The first quantum computers won't displace classical ones; they will attack problems that are intractable today. DeSantis and other industry leaders see early use cases in pharmaceutical drug design, materials science, financial risk modeling, and energy optimization. These workloads are highly specialized and computationally demanding, making them prime candidates for a cloud-delivered, pay-per-use model. Amazon already offers Amazon Braket, a fully managed quantum computing service that lets customers experiment with algorithms on hardware from IonQ, Rigetti, and D-Wave. While Braket is currently a sandbox, it gives AWS a head start in understanding how to integrate quantum into its broader suite of 200+ services.

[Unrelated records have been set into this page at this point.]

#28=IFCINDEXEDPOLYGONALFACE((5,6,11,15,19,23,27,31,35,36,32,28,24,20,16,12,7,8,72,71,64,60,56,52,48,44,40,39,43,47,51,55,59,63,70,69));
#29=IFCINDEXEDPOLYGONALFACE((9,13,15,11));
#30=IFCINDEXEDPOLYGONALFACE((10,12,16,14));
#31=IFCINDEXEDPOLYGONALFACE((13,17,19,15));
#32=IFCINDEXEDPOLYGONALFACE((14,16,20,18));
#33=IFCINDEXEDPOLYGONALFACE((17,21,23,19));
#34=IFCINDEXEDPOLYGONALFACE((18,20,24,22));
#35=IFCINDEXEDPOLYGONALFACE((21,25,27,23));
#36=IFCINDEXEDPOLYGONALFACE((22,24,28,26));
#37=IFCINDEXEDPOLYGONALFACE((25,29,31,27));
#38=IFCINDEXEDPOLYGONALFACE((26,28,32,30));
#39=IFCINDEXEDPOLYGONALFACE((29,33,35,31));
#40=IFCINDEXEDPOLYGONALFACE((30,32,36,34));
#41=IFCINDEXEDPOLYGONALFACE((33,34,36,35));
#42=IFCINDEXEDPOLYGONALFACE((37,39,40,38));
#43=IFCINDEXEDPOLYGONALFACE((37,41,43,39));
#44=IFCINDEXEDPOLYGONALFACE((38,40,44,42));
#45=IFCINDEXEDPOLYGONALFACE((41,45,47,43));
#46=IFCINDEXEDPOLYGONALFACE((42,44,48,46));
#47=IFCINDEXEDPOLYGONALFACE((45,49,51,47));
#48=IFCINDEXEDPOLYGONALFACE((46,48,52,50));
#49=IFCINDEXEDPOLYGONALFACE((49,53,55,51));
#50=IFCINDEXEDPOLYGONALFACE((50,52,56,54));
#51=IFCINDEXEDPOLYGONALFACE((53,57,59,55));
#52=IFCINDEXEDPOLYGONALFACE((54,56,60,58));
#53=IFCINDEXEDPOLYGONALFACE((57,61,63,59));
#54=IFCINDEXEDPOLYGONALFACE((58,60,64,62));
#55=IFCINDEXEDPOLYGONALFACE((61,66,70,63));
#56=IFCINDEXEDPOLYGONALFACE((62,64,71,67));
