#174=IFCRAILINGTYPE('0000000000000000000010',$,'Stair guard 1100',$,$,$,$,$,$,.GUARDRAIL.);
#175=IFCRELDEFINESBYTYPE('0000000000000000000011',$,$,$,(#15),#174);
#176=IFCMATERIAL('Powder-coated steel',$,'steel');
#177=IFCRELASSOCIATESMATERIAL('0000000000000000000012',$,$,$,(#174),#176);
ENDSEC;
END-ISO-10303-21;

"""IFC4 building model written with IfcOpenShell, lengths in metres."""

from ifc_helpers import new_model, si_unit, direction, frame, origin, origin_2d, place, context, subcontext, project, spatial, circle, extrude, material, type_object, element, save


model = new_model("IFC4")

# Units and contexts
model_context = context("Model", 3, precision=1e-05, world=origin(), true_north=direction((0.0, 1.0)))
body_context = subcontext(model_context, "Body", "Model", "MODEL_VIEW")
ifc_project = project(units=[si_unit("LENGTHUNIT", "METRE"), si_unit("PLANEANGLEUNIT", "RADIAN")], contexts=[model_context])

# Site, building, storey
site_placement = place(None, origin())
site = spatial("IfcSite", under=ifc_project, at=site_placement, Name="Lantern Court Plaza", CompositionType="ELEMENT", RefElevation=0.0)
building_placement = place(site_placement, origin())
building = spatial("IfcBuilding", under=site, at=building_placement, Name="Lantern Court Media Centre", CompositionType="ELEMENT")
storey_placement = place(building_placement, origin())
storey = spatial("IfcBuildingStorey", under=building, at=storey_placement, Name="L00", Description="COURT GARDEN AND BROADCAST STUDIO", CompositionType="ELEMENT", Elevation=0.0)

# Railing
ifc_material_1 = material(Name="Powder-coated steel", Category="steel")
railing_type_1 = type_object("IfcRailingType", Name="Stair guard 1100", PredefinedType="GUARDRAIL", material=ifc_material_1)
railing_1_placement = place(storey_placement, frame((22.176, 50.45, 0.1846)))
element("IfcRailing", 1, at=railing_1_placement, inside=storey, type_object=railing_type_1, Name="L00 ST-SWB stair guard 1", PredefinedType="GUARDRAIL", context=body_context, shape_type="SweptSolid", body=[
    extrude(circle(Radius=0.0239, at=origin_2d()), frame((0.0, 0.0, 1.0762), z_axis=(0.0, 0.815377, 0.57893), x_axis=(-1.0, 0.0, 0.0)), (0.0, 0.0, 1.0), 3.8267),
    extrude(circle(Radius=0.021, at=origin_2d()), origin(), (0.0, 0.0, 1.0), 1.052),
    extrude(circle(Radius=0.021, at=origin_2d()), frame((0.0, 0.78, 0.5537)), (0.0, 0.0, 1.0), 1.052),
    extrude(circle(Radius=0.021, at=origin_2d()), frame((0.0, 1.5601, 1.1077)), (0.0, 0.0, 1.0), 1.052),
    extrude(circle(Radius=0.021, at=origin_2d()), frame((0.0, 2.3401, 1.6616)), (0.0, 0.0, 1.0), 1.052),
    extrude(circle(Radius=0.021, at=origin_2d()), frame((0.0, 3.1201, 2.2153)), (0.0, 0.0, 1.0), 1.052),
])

The valuation implications for Amazon are significant. The stock has benefited enormously from AI-driven cloud growth; market consensus already prices in double-digit annual AWS revenue increases for the next several years. But AI hardware cycles may eventually mature, and a new catalyst will be needed to justify a price-to-earnings multiple that often exceeds 60x. Quantum computing, if it materializes on schedule, could become that catalyst. Analysts estimate that quantum-as-a-service could evolve into a $50-billion-plus market by 2035, and AWS’s existing enterprise relationships and technical expertise would position it to capture a disproportionate share. Even a modest contribution to AWS's top line could add tens of billions to Amazon's market capitalization, currently hovering around $2.2 trillion.
What to Watch
Of course, the timeline is fraught with uncertainty. Building fault-tolerant quantum computers remains an immense scientific challenge, and many experts have pushed out expectations to the 2030s or later. Competitors like IBM, Google, and Microsoft are also racing to commercialize the technology, and startups such as IonQ and Quantinuum are making rapid progress. Amazon’s own quantum computing group has been somewhat quieter than its rivals, raising questions about whether it can lead rather than follow. Additionally, the AI boom may distract management attention and capital allocation in the near term.

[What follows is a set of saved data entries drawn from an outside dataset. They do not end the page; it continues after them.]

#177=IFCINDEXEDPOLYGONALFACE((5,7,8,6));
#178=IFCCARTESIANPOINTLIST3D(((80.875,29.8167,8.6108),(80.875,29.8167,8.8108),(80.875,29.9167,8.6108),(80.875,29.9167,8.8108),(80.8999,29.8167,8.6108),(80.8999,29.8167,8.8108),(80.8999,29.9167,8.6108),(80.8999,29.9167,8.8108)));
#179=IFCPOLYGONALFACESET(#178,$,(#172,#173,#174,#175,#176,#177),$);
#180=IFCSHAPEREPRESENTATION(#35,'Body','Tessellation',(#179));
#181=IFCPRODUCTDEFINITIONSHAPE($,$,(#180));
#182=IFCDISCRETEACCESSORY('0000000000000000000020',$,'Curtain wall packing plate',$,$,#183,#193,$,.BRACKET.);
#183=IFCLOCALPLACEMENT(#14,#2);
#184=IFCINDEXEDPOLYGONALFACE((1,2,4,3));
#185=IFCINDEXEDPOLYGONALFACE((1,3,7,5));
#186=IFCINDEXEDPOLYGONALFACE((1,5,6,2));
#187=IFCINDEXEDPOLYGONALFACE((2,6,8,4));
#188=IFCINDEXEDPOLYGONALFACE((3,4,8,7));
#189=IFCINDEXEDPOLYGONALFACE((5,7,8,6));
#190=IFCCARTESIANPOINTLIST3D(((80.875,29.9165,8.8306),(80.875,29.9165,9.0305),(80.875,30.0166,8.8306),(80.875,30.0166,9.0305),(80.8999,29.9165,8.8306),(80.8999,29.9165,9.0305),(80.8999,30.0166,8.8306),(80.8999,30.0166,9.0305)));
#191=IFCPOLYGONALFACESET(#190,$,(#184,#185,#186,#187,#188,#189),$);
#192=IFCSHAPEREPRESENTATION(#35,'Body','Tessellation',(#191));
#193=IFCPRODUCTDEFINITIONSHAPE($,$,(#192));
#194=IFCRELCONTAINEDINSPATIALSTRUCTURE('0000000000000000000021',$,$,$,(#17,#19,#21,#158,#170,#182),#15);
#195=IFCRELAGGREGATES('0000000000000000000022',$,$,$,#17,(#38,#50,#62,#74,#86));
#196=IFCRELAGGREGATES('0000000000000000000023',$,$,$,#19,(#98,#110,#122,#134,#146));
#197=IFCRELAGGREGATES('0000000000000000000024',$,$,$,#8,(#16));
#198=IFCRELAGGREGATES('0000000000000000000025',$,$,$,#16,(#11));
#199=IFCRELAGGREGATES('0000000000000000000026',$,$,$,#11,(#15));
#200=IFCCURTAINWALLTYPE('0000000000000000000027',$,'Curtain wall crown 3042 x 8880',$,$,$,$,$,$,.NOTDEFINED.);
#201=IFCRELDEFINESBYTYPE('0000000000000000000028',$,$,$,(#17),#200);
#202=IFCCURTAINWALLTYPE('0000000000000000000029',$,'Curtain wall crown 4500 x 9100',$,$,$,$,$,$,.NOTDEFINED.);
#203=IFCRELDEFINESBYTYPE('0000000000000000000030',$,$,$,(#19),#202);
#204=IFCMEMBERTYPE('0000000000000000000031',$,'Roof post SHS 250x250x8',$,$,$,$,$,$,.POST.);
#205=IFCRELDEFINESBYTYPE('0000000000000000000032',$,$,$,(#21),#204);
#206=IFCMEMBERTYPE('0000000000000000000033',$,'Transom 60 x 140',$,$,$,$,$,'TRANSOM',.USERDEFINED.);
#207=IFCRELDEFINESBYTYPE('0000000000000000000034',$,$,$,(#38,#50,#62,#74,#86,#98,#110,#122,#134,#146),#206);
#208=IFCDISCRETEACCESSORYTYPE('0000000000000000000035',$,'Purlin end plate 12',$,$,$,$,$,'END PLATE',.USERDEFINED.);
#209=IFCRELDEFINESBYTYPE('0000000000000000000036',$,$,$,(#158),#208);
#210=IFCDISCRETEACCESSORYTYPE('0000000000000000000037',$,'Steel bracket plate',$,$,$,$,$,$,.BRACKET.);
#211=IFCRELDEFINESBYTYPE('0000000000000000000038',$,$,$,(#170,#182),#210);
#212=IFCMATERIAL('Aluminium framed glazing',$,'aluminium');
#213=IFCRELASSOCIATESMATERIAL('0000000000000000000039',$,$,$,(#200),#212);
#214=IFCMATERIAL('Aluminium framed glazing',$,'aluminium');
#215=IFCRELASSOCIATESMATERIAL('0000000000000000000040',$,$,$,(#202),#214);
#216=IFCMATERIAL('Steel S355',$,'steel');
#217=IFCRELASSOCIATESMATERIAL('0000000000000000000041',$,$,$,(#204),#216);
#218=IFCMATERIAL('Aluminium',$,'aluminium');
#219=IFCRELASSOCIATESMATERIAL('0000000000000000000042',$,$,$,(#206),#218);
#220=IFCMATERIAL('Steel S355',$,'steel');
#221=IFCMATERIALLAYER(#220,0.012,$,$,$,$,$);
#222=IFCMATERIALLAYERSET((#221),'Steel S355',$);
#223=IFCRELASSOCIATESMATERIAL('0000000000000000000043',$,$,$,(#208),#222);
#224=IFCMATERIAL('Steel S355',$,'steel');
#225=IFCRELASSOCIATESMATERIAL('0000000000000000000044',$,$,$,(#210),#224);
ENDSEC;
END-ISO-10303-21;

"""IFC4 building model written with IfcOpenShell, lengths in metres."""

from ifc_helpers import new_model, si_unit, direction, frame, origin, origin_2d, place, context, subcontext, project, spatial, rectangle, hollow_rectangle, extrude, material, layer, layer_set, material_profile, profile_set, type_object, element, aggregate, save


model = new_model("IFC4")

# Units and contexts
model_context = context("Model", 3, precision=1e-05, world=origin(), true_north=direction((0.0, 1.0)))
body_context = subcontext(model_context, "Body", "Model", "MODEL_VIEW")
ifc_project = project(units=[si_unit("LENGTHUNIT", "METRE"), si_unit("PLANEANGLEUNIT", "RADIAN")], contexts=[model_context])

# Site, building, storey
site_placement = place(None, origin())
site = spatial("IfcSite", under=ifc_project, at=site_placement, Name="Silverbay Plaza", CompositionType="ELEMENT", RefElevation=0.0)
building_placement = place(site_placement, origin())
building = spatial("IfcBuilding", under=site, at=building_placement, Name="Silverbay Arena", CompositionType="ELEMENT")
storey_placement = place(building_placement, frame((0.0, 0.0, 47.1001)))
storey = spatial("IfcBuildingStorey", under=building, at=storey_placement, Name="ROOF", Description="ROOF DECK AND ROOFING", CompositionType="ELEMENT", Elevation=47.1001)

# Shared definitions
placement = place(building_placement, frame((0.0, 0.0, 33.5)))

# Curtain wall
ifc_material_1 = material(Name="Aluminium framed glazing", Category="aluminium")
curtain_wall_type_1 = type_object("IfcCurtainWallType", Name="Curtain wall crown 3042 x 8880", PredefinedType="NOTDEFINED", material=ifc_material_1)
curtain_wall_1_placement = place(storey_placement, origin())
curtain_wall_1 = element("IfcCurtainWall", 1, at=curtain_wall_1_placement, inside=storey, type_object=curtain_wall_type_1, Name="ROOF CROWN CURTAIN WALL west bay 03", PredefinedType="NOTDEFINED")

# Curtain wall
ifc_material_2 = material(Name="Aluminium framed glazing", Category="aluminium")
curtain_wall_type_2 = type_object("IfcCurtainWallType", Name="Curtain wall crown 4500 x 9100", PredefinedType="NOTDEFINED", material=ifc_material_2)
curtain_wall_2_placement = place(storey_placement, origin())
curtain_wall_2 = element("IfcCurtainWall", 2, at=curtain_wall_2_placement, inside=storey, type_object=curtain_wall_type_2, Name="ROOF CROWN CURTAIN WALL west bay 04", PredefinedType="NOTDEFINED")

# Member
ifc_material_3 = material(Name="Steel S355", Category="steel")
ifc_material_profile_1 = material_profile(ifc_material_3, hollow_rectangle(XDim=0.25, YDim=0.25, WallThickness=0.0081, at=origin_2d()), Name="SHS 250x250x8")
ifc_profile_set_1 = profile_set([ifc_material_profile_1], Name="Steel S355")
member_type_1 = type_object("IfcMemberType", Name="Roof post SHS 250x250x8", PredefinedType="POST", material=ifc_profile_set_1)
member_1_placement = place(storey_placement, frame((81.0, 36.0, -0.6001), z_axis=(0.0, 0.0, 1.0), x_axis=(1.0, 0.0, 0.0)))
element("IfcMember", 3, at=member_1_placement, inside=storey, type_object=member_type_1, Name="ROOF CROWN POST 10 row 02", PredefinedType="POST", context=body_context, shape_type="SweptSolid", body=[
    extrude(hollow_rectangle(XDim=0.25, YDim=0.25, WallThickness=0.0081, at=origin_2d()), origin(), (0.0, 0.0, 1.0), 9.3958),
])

Yet the signals from DeSantis and the continued investment in AWS’s quantum capabilities suggest a deliberate, long-game strategy. Amazon has a history of entering nascent markets with no revenue and patiently building infrastructure until it becomes indispensable—think of AWS itself in 2006, or its logistics network now. If quantum computing follows the same arc, the next five-to-seven years could be a period of quiet accumulation before an inflection point that reshapes the investment thesis. For long-term shareholders, the quantum narrative may be less about the next quarter and more about ensuring that Amazon owns the computing platform of the 2030s, just as it owned the cloud platform of the 2010s and the AI platform of the 2020s. As DeSantis put it, the shift is coming, and Amazon intends to be ready.